Акт списания просроченных лекарственных средств образец скачать

Как создать, акт списания просроченных лекарственных средств образец?​


Акт списания просроченных лекарственных средств

Государственное учреждение здравоохранения (ГУЗ)
[Название учреждения]
[Адрес учреждения]
Телефон: [номер телефона]
Электронная почта: [email адрес]

Акт № [номер акта]
Списания просроченных лекарственных средств
Дата: [дата составления акта]

Составлен в соответствии с:


  • Постановлением Правительства Российской Федерации от [дата] № [номер]
  • Приказом Минздрава России от [дата] № [номер]
  • Уставом ГУЗ [название учреждения]
Комиссия по списанию лекарственных средств
В состав комиссии вошли:

  1. [Ф.И.О., должность] – председатель комиссии
  2. [Ф.И.О., должность] – член комиссии
  3. [Ф.И.О., должность] – член комиссии
  4. [Ф.И.О., должность] – член комиссии
Основание для списания:
Списание осуществляется в связи с истечением срока годности лекарственных средств, зафиксированным на [дата] в соответствии с данными инвентаризации, проведенной [дата инвентаризации].

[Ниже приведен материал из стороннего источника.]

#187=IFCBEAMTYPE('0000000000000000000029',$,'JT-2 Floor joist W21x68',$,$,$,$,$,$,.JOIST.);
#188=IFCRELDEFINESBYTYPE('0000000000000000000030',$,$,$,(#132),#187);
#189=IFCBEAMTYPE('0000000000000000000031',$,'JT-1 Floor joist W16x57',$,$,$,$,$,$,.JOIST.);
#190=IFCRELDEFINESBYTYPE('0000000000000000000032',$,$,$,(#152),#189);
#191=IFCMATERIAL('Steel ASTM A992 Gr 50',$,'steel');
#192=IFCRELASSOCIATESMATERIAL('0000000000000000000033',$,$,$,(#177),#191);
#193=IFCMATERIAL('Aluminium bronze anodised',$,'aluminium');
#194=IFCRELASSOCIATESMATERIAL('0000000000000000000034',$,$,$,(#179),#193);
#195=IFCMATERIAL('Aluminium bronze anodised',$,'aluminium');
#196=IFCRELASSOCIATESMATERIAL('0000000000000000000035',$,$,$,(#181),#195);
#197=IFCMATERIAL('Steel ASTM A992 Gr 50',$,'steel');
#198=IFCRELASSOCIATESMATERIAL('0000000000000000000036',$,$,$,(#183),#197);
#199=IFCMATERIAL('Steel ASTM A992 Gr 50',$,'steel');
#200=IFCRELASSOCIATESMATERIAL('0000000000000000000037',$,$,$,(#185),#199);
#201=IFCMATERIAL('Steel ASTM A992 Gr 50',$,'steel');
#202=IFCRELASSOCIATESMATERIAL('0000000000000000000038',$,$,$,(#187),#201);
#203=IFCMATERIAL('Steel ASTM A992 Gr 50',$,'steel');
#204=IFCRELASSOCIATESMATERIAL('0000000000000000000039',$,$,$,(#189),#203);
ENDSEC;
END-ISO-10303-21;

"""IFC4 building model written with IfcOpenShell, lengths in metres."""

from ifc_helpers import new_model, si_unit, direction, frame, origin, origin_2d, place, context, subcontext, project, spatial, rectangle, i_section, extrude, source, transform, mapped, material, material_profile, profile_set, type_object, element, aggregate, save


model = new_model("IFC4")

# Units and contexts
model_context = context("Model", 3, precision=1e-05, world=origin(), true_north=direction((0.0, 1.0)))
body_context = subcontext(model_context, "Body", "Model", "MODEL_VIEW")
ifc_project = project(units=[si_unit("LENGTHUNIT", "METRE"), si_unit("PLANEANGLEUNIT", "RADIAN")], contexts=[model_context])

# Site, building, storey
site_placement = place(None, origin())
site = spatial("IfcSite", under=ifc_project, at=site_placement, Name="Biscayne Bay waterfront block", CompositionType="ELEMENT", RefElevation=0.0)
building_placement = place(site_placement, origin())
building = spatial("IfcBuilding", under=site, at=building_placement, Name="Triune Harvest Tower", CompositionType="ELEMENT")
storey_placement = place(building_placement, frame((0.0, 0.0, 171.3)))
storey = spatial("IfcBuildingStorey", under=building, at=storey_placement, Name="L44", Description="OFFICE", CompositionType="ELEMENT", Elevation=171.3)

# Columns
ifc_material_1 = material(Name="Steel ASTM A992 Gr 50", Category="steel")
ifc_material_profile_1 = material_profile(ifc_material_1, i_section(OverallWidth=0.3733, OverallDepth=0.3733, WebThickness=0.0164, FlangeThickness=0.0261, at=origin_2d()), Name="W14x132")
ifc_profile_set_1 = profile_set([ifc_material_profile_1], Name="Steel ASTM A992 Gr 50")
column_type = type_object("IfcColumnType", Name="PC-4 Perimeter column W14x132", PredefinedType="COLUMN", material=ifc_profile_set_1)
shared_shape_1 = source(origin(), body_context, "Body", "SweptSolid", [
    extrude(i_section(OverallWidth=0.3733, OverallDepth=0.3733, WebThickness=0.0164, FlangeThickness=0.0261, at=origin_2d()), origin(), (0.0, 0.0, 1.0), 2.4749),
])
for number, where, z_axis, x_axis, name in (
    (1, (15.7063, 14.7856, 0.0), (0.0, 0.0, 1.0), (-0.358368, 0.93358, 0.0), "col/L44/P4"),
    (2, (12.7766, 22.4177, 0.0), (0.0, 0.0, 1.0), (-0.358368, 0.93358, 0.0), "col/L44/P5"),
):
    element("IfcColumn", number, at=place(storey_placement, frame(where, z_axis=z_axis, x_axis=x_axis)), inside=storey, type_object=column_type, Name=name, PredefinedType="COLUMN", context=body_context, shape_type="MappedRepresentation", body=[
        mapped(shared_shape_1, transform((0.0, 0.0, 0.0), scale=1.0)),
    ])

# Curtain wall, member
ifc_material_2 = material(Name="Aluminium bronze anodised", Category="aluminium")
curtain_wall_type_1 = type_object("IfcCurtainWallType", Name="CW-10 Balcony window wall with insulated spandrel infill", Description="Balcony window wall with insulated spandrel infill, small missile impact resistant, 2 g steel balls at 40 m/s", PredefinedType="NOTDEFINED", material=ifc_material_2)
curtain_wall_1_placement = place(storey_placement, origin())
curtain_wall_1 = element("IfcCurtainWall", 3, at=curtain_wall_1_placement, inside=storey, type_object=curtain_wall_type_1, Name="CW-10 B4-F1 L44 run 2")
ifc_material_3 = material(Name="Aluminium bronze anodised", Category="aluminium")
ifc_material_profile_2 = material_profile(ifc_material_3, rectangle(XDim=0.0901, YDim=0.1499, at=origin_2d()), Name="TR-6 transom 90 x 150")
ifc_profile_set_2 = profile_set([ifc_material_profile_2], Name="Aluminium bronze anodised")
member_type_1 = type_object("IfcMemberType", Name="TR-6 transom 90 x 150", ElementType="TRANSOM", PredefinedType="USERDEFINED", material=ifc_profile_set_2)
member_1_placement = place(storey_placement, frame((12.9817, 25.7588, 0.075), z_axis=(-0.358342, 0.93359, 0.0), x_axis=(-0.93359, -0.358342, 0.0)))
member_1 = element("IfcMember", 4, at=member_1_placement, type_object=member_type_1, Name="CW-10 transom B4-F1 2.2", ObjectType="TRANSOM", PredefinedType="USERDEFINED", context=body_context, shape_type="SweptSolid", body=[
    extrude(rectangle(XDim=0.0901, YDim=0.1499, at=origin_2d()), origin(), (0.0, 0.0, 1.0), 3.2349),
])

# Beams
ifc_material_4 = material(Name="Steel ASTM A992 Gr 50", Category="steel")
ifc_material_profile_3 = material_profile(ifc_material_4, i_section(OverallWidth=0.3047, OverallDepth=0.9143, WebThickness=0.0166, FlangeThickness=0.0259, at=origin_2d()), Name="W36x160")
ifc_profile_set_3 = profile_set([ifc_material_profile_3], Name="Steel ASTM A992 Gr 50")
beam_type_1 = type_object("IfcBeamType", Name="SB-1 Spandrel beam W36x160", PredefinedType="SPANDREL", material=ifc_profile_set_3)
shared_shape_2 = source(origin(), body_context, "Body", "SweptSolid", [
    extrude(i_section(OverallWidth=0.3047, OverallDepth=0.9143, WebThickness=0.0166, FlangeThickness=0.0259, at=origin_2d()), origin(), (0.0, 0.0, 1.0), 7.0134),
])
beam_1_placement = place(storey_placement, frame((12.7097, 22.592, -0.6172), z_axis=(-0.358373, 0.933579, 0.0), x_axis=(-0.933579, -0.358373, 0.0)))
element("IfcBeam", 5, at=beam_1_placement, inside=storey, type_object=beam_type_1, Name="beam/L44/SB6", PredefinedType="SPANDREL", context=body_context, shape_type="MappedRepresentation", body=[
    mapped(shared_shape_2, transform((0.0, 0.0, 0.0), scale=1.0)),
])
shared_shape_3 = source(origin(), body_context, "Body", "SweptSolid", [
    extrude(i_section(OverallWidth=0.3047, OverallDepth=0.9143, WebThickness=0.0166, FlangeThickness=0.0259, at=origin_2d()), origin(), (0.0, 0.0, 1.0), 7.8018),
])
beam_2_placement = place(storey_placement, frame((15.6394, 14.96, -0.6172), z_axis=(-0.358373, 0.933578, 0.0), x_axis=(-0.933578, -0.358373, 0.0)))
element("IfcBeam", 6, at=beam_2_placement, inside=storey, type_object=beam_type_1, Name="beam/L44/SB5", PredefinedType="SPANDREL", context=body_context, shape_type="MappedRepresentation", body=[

Список просроченных лекарственных средств:

Наименование препаратаДозировкаФорма выпускаКоличествоДата окончания срока годностиПримечание
[Название 1][дозировка][форма][кол-во][дата][комментарий]
[Название 2][дозировка][форма][кол-во][дата][комментарий]
[Название 3][дозировка][форма][кол-во][дата][комментарий]
[Название 4][дозировка][форма][кол-во][дата][комментарий]
..................
Итого:
Количество списанных препаратов: [Общее количество]
Сумма списанных препаратов: [Сумма в рублях, если применимо]

Выводы комиссии:
На основании проведенной инвентаризации и анализа состояния лекарственных средств, комиссия пришла к выводу о необходимости списания указанных препаратов. Списанные средства подлежат утилизации в соответствии с действующим законодательством.

Решение комиссии:
Списать указанные выше препараты и провести утилизацию согласно нормативным требованиям.

Подписи членов комиссии:

  1. ______________________ (Ф.И.О., должность)
  2. ______________________ (Ф.И.О., должность)
  3. ______________________ (Ф.И.О., должность)
  4. ______________________ (Ф.И.О., должность)
Согласовано:
[Ф.И.О., должность, подпись]
[Дата]

Приложения:

  1. Копия инвентаризационного акта
  2. Документы, подтверждающие утилизацию
Место для печати учреждения


Этот образец акта списания просроченных лекарственных средств можно адаптировать в зависимости от специфики вашего учреждения и законодательных требований.